Comment on Ford Takata Inflator Inconsequentiality Petition

The Center for Auto Safety is the nation’s premier independent, member driven, non-profit consumer advocacy organization dedicated to improving vehicle safety, quality, and fuel economy on behalf of all drivers, passengers, and pedestrians.

December 18, 2017

The Center for Auto Safety (“Center”) appreciates the opportunity to comment on the National Highway Traffic Safety Administration’s (“NHTSA”) notices of receipt of petition for inconsequentiality filed pursuant to 49 CFR Part 556.4 by Ford Motor Company (“Ford”) and Mazda Motor of America (“Mazda”).
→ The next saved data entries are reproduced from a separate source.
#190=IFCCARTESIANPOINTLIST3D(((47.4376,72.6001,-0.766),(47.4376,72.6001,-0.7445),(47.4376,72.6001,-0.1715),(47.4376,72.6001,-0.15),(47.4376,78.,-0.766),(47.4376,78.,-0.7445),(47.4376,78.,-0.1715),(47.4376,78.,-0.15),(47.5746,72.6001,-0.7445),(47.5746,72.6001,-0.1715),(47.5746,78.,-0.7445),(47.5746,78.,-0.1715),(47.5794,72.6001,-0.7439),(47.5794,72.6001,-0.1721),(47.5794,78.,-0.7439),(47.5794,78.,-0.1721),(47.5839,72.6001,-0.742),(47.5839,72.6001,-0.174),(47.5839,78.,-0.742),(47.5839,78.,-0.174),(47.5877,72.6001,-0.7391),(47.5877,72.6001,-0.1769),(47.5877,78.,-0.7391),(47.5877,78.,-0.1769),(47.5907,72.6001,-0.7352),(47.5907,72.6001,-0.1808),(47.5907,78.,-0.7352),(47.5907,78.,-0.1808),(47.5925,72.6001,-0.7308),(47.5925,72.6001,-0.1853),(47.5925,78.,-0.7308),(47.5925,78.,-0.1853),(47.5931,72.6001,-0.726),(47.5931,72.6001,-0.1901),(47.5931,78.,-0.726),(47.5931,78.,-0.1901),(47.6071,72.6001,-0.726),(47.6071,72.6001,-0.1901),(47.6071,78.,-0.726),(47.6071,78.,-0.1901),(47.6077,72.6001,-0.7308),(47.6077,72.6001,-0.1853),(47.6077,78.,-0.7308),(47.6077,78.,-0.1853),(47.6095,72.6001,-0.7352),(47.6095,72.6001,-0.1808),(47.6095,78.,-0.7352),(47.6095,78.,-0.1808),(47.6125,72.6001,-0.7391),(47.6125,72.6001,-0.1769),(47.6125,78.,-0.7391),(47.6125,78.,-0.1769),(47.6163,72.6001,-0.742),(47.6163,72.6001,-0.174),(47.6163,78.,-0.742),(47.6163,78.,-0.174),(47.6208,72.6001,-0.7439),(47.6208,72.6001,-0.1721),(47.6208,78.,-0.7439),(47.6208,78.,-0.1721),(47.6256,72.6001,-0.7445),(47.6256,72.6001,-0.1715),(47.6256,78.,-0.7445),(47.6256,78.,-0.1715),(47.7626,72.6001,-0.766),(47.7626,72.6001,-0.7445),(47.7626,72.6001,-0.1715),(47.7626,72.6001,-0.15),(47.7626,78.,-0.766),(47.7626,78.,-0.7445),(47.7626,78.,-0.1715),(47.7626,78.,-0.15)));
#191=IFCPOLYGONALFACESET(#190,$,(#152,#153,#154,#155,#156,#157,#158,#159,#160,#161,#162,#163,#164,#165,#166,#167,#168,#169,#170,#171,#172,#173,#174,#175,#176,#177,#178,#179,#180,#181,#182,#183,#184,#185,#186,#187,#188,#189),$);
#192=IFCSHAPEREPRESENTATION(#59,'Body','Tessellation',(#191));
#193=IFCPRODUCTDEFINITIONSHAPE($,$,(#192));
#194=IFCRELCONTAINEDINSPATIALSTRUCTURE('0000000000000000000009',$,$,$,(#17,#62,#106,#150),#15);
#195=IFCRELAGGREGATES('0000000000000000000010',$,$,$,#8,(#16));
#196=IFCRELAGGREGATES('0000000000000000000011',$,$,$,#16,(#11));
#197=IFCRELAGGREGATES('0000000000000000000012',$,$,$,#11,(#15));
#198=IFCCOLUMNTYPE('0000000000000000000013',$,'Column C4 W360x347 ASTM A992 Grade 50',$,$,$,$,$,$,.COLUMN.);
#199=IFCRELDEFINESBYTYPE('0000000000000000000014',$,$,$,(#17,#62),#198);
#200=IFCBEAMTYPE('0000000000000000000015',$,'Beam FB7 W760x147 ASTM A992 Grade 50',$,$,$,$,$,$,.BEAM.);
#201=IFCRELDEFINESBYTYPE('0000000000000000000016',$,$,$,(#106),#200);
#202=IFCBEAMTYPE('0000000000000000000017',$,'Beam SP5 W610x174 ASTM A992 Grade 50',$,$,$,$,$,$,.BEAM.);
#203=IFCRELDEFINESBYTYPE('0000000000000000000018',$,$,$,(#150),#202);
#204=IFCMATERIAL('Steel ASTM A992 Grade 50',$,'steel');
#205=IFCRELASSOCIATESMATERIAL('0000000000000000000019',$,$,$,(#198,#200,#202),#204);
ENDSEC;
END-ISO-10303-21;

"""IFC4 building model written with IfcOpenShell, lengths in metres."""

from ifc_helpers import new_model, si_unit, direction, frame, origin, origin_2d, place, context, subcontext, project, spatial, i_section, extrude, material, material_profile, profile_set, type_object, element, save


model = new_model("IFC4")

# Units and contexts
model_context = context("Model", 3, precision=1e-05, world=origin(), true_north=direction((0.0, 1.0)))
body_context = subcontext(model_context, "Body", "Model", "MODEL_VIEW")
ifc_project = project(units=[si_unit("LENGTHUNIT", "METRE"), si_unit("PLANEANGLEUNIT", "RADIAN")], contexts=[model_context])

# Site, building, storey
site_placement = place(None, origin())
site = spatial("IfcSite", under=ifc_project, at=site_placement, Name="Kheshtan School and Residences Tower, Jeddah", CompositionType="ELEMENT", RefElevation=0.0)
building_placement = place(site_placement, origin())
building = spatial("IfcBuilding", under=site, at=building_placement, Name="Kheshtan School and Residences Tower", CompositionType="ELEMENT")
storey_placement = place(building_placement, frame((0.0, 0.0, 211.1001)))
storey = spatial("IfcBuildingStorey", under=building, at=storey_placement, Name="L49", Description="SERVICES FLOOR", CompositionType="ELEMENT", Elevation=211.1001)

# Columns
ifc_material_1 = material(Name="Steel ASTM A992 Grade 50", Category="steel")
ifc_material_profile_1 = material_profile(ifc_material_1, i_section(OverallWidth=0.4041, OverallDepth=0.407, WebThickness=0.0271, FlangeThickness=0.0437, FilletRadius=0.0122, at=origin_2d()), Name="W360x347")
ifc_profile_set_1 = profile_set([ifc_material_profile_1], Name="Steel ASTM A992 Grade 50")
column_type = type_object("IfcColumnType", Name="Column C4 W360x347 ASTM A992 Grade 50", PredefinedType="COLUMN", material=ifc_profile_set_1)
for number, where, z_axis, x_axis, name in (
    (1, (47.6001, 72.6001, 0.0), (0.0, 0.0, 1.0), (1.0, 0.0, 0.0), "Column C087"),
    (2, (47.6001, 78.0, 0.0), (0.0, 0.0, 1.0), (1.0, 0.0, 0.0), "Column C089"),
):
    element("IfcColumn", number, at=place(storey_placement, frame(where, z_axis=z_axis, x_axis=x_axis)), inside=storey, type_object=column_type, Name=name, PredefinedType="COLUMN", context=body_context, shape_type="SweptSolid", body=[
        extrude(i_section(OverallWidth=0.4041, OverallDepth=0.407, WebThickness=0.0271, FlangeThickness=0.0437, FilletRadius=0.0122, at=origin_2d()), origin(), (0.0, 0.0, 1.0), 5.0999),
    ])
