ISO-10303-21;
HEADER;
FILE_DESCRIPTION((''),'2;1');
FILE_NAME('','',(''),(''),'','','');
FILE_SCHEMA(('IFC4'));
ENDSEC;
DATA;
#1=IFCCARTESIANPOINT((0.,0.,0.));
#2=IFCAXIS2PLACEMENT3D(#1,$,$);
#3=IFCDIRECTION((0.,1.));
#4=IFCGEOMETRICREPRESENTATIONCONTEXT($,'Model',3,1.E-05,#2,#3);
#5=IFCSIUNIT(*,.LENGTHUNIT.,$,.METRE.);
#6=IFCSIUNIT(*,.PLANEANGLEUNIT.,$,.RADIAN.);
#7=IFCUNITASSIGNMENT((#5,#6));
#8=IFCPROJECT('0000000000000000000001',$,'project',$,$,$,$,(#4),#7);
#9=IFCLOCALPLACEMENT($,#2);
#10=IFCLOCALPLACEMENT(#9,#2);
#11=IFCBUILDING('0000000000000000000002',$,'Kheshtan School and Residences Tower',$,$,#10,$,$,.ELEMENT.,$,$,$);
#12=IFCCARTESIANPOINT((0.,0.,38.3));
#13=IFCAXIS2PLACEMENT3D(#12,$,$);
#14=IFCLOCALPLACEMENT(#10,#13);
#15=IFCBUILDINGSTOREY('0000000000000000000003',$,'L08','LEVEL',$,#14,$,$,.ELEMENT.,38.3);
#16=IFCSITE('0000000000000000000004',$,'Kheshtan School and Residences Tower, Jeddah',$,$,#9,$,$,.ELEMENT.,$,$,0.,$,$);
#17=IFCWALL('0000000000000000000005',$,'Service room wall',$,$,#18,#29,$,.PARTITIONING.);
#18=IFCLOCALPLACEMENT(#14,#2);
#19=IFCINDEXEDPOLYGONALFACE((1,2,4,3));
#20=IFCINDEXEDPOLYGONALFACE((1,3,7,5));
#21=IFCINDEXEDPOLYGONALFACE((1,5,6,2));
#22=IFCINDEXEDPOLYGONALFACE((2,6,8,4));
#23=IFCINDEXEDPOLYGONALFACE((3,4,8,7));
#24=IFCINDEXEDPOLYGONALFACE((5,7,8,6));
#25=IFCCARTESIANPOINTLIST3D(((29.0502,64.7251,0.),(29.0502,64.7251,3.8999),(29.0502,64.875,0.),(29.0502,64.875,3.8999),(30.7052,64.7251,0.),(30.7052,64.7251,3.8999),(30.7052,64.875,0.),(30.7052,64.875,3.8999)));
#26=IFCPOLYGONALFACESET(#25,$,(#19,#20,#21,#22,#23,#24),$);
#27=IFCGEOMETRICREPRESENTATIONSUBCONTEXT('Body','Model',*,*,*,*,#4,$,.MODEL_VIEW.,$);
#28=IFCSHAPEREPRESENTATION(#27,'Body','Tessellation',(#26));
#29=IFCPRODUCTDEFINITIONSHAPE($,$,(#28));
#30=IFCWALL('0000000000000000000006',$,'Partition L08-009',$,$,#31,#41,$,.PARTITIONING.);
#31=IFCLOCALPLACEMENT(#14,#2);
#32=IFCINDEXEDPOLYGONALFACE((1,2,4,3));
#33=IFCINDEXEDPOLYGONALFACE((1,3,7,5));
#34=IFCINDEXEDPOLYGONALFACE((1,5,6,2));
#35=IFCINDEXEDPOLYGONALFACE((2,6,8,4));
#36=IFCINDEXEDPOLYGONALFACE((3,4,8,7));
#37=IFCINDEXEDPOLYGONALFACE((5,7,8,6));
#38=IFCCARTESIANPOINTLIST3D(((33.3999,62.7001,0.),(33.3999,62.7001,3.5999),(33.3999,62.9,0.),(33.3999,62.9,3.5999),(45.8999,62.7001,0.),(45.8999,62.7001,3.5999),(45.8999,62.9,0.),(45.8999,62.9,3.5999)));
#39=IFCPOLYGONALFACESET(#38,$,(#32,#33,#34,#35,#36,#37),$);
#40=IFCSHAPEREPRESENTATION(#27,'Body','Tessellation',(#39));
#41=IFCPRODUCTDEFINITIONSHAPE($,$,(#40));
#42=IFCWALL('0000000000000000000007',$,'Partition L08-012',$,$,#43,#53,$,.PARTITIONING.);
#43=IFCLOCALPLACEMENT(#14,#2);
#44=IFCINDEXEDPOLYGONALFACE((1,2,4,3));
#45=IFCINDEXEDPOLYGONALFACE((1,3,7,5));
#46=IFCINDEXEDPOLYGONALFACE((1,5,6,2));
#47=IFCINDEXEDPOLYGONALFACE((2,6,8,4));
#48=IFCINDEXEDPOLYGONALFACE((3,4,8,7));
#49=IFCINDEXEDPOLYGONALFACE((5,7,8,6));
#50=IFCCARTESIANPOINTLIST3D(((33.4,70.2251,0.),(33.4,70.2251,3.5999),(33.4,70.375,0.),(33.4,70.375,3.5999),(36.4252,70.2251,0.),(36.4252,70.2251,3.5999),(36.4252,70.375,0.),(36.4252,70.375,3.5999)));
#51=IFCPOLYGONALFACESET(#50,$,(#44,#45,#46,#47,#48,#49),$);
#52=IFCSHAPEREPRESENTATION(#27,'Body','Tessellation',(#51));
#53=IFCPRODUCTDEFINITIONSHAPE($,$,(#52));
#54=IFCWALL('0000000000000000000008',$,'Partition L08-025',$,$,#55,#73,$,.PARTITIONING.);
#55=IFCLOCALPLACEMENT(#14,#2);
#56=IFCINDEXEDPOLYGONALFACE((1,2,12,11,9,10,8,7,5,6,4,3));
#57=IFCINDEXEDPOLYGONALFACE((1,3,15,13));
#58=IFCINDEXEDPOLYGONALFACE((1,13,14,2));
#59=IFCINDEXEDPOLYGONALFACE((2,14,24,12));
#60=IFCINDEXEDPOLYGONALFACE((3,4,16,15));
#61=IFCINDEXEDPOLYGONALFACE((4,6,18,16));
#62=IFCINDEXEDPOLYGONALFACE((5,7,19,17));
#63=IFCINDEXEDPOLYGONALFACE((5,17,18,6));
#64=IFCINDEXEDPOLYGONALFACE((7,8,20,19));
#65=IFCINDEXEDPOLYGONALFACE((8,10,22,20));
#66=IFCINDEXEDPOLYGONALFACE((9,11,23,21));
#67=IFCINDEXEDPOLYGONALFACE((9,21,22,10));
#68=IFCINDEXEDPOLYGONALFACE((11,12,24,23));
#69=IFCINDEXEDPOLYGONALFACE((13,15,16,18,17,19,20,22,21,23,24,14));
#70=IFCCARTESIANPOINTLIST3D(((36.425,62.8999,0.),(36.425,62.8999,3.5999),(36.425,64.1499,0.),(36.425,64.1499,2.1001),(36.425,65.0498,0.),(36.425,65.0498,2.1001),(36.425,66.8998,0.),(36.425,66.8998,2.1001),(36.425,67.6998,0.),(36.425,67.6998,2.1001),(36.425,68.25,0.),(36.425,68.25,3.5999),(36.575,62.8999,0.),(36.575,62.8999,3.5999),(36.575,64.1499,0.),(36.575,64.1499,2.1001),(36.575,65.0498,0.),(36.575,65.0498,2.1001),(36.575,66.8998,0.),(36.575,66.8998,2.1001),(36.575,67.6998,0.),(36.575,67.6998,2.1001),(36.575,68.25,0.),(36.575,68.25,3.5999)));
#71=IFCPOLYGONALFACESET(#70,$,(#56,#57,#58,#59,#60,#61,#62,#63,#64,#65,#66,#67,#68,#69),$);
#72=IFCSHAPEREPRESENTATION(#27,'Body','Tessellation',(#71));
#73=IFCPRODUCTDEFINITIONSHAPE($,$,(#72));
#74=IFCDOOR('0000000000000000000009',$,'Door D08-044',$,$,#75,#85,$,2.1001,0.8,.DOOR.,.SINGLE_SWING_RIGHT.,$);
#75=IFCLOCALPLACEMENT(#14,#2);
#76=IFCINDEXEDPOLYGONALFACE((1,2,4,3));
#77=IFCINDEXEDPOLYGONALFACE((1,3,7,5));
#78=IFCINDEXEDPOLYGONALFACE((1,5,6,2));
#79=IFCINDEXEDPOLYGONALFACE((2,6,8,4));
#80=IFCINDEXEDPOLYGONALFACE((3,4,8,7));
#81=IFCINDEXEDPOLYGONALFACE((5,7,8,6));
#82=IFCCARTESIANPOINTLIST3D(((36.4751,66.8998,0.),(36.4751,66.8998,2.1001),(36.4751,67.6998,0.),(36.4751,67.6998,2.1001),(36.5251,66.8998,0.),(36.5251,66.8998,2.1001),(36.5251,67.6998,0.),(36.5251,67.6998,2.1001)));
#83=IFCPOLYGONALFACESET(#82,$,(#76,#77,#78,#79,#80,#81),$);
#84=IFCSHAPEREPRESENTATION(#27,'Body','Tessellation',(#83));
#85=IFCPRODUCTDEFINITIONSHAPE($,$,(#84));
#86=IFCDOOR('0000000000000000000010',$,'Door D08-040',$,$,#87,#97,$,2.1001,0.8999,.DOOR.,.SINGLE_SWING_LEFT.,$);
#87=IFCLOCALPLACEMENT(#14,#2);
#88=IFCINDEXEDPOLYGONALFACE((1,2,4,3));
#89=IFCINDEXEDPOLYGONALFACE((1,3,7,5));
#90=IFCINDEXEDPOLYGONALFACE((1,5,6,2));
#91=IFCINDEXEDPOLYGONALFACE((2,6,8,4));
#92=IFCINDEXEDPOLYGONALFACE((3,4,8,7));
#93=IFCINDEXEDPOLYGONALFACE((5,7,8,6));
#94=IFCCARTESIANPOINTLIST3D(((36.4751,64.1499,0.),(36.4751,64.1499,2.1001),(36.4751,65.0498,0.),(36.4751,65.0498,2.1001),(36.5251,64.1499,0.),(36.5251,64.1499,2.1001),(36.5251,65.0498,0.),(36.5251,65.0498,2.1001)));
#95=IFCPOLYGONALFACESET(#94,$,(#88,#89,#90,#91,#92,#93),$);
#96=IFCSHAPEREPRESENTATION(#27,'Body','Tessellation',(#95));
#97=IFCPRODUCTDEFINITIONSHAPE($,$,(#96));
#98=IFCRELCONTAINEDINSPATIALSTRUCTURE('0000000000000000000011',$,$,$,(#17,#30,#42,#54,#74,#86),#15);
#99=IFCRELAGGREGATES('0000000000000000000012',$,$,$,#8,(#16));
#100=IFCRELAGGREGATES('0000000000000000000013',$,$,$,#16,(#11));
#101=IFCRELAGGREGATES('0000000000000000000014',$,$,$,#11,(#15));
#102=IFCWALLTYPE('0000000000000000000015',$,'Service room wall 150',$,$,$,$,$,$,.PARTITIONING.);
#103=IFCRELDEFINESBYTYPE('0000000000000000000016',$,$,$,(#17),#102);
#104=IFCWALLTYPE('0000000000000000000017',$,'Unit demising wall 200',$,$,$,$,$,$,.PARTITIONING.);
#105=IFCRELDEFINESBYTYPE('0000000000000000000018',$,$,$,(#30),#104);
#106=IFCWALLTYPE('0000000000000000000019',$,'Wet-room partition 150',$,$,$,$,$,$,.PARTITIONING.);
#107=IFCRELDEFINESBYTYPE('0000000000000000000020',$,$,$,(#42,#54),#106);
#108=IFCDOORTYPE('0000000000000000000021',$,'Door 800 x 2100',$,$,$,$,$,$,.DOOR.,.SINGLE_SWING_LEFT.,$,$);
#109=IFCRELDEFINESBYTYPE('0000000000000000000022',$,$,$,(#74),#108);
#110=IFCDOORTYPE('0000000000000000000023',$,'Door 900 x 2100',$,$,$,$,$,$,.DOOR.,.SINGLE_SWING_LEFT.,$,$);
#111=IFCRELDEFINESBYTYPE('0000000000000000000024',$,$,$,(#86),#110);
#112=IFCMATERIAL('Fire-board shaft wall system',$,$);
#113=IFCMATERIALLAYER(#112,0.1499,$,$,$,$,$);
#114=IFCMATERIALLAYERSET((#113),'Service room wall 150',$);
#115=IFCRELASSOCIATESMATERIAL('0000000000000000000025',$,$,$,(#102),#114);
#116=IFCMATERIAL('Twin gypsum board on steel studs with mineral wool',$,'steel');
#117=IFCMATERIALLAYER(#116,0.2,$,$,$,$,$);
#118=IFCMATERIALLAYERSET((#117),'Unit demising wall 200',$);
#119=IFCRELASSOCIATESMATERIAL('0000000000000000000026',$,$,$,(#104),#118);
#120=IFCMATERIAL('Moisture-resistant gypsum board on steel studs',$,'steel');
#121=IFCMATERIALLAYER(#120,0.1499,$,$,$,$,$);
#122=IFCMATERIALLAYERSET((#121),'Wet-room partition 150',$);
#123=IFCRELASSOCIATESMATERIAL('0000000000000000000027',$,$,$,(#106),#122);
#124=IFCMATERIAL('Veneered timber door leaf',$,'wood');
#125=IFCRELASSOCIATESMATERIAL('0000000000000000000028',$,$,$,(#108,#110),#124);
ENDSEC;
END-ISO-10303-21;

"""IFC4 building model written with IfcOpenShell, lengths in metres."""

from ifc_helpers import new_model, si_unit, direction, frame, frame_2d, origin, place, context, subcontext, project, spatial, rectangle, extrude, source, transform, mapped, material, layer, layer_set, type_object, element, fill, save


model = new_model("IFC4")

# Units and contexts
model_context = context("Model", 3, precision=1e-05, world=origin(), true_north=direction((0.0, 1.0)))
body_context = subcontext(model_context, "Body", "Model", "MODEL_VIEW")
ifc_project = project(units=[si_unit("LENGTHUNIT", "METRE"), si_unit("PLANEANGLEUNIT", "RADIAN")], contexts=[model_context])

# Site, building, storey
site_placement = place(None, origin())
site = spatial("IfcSite", under=ifc_project, at=site_placement, Name="Kheshtan School and Residences Tower, Jeddah", CompositionType="ELEMENT", RefElevation=0.0)
building_placement = place(site_placement, origin())
building = spatial("IfcBuilding", under=site, at=building_placement, Name="Kheshtan School and Residences Tower", CompositionType="ELEMENT")
storey_placement = place(building_placement, frame((0.0, 0.0, 38.3)))
storey = spatial("IfcBuildingStorey", under=building, at=storey_placement, Name="L08", Description="LEVEL", CompositionType="ELEMENT", Elevation=38.3)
The Ford and Mazda joint petition seeks a determination that first-generation PSDI-5 PSAN airbag inflators manufactured by the Takata Corporation (“Takata”) and installed in Ford and Mazda vehicles are exempt from the recall notification and remedy requirements of the Safety Act.

Over three million Ford and Mazda vehicles included PSDI-5 inflators at the time of manufacture. These inflators were supplied by Takata, for installation in Ford, Mazda, and Nissan vehicles, using ammonium nitrate as a propellant. Ford chose ammonium nitrate, a less expensive, more volatile inflator propellant, over safer alternatives.

It is hard to imagine a more consequential safety defect than Takata airbag inflators. As noted by the Takata independent monitor, John Buretta: “The words ‘grenade’ and ‘ticking time bomb’ accurately convey the lethal potential of these defective inflators. To date, at least 13 people in the U.S. have died from injuries inflicted by defective Takata airbag inflators.”